About 1 in 30,000 people in Australia have FA. Up to 1 in 90 people (i.e.1,000 out of 90,000 at an AFL match) in Australia are carriers of this gene and when both parents are carriers there is a 1 in 4 chance of having a child with FA as the altered gene is recessive.
When do symptoms occur?
The onset of symptoms is gradual and progressive. On average, symptoms start around 12 years of age, however they may occur before or much later that this. About 10 years after the onset of FA, most people require the full time use of a wheelchair and need assistance with physical tasks.
Generally, the capacity to think and problem solve remains unaffected.

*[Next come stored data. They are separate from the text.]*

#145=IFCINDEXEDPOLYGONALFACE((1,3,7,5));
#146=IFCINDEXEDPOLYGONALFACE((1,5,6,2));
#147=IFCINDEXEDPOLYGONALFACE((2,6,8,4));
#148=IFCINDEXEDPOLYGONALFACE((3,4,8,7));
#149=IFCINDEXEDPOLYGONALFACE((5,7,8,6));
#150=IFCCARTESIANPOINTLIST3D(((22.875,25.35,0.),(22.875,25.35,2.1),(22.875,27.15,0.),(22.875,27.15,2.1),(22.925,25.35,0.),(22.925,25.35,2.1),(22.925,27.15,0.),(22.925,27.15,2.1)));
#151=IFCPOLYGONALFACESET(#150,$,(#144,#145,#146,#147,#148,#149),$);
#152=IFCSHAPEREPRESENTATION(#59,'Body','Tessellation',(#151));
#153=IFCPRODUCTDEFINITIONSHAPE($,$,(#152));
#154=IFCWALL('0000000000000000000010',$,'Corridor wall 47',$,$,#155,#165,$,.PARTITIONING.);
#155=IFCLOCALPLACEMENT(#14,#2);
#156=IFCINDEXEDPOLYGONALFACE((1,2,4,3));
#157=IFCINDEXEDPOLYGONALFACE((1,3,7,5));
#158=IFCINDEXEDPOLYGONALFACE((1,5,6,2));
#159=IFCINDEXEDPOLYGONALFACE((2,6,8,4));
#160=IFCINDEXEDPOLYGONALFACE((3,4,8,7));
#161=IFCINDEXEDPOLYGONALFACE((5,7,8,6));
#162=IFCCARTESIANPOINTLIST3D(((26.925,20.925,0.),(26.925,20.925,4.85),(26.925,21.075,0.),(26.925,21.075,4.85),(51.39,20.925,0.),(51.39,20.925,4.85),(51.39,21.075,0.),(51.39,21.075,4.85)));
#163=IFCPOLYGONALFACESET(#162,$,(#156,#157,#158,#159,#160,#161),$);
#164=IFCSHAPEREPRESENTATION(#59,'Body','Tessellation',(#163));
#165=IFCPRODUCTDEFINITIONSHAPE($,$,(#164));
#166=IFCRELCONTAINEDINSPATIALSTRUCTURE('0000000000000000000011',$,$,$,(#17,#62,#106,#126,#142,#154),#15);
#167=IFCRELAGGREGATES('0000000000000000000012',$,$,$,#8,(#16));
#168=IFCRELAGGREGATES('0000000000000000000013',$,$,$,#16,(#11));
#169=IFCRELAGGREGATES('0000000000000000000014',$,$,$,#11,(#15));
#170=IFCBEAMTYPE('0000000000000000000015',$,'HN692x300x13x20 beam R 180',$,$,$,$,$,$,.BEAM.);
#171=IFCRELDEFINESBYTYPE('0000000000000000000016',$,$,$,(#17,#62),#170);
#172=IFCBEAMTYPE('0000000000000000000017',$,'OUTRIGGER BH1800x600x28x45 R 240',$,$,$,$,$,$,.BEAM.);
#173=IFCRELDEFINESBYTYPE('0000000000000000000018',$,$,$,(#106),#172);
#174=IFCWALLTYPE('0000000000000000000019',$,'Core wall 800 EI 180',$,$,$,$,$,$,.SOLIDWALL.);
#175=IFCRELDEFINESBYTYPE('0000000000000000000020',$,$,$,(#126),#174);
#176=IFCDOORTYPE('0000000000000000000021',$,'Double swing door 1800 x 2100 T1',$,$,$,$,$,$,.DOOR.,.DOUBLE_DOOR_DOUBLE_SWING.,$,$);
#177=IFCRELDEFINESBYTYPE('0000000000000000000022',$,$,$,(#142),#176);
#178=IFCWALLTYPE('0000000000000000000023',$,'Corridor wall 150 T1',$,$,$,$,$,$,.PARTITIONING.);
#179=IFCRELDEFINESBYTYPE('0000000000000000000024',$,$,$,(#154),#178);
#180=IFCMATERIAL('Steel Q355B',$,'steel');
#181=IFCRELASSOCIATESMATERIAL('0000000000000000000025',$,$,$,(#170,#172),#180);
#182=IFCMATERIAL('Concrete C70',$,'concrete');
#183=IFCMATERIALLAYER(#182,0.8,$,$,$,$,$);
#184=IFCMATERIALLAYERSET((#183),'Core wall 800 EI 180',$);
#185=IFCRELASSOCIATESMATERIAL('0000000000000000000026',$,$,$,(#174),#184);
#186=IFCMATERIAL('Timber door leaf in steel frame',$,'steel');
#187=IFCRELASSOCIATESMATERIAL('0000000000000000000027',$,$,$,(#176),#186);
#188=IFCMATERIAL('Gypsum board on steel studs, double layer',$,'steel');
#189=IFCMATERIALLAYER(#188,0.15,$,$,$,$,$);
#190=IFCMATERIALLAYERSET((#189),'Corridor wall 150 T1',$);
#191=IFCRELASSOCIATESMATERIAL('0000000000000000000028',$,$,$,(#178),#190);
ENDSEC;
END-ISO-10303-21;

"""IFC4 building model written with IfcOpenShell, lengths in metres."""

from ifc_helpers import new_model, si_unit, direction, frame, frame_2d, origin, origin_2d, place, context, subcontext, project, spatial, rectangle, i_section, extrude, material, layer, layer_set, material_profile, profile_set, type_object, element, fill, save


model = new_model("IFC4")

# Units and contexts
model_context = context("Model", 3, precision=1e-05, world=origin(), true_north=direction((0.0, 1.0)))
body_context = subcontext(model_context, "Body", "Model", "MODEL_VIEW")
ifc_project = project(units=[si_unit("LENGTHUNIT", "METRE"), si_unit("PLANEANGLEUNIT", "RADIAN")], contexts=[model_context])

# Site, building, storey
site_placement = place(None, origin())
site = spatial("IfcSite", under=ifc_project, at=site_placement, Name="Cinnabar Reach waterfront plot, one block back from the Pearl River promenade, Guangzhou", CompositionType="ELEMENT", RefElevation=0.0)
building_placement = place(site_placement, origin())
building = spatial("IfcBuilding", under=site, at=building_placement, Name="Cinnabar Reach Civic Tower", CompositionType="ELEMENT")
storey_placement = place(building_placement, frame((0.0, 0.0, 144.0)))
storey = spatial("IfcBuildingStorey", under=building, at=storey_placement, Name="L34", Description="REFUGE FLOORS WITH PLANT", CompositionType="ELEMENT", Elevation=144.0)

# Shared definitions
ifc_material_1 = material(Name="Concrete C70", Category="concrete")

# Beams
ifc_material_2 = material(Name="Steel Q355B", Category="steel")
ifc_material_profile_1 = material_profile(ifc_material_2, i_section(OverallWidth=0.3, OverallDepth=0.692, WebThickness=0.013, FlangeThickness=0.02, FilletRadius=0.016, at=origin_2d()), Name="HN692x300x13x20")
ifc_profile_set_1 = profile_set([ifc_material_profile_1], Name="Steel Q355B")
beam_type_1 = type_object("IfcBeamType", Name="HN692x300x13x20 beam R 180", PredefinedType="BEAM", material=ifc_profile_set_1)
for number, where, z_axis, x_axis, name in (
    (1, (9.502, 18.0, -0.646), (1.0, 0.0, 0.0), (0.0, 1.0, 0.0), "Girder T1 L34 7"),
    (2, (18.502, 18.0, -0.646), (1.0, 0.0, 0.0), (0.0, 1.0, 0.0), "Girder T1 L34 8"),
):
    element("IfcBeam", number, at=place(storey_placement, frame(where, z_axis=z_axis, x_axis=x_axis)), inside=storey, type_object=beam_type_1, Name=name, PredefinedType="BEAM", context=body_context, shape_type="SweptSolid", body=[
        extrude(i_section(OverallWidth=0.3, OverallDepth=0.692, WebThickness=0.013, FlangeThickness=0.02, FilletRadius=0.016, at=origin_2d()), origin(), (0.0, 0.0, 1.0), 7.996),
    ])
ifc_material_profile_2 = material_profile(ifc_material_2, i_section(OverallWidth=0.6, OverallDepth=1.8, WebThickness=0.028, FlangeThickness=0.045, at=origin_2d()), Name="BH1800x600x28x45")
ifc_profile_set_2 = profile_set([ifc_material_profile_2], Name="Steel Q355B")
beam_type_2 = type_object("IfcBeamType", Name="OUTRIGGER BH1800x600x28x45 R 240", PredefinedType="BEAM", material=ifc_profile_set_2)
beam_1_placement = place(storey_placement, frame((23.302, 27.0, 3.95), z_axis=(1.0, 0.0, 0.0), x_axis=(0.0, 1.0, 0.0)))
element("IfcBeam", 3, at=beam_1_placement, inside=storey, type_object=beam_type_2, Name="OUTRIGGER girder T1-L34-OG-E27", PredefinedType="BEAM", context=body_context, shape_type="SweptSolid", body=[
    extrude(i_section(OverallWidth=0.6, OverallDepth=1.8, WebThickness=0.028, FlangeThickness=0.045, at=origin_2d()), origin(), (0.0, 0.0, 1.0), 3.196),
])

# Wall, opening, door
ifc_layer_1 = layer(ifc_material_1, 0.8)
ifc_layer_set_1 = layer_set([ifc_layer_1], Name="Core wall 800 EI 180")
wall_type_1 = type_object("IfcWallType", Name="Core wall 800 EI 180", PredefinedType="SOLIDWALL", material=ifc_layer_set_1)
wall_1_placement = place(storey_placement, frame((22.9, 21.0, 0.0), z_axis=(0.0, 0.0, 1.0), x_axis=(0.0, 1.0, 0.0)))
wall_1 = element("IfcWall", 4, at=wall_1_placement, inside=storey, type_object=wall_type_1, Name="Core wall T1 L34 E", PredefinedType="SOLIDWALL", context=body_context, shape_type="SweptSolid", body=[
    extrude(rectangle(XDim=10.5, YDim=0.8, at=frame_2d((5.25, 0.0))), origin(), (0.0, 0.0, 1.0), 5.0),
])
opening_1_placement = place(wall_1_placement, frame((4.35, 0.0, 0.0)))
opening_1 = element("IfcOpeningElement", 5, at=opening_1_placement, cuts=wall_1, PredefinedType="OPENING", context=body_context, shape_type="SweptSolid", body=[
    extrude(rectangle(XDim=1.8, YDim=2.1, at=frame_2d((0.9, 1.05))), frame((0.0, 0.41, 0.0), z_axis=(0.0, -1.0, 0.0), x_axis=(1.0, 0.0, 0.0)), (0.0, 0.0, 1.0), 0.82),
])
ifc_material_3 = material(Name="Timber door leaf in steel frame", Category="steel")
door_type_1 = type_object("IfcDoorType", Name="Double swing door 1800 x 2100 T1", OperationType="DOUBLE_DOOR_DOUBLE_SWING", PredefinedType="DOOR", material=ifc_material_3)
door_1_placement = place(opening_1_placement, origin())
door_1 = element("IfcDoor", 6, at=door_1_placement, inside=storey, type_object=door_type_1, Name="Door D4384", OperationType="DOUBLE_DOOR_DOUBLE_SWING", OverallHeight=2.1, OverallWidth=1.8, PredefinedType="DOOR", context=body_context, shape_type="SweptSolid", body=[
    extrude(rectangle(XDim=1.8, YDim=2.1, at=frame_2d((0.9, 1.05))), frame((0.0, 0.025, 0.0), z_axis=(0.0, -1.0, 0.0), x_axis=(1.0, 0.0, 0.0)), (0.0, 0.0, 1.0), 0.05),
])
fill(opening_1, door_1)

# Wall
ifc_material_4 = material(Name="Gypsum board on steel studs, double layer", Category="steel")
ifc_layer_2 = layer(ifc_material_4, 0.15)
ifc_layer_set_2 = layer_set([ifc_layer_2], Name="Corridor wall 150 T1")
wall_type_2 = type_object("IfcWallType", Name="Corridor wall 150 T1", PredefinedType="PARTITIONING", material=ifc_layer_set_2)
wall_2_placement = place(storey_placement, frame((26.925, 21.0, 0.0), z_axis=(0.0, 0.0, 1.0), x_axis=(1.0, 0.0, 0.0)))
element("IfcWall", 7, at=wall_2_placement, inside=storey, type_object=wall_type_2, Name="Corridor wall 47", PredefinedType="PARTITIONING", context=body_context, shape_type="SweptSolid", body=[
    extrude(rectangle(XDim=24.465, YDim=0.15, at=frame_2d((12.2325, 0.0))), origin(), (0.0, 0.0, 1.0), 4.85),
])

What tests are used to confirm the diagnosis of FA?
A blood test can confirm the diagnosis of FA.
Our mission
The Rotary Club of Brighton North aims to raise awareness of this seriously life-shortening disease.
Past International President, Royce Abbey AO DCM, (a Rotarian in District 9800) also lost a grandson to this terrible disease.
Our goal is to make a difference in as many ways as possible; to the sufferers, their families, people at risk of developing the disease; and to the doctors and researchers in the hope that they will discover a cure or a drug to slow down the disease.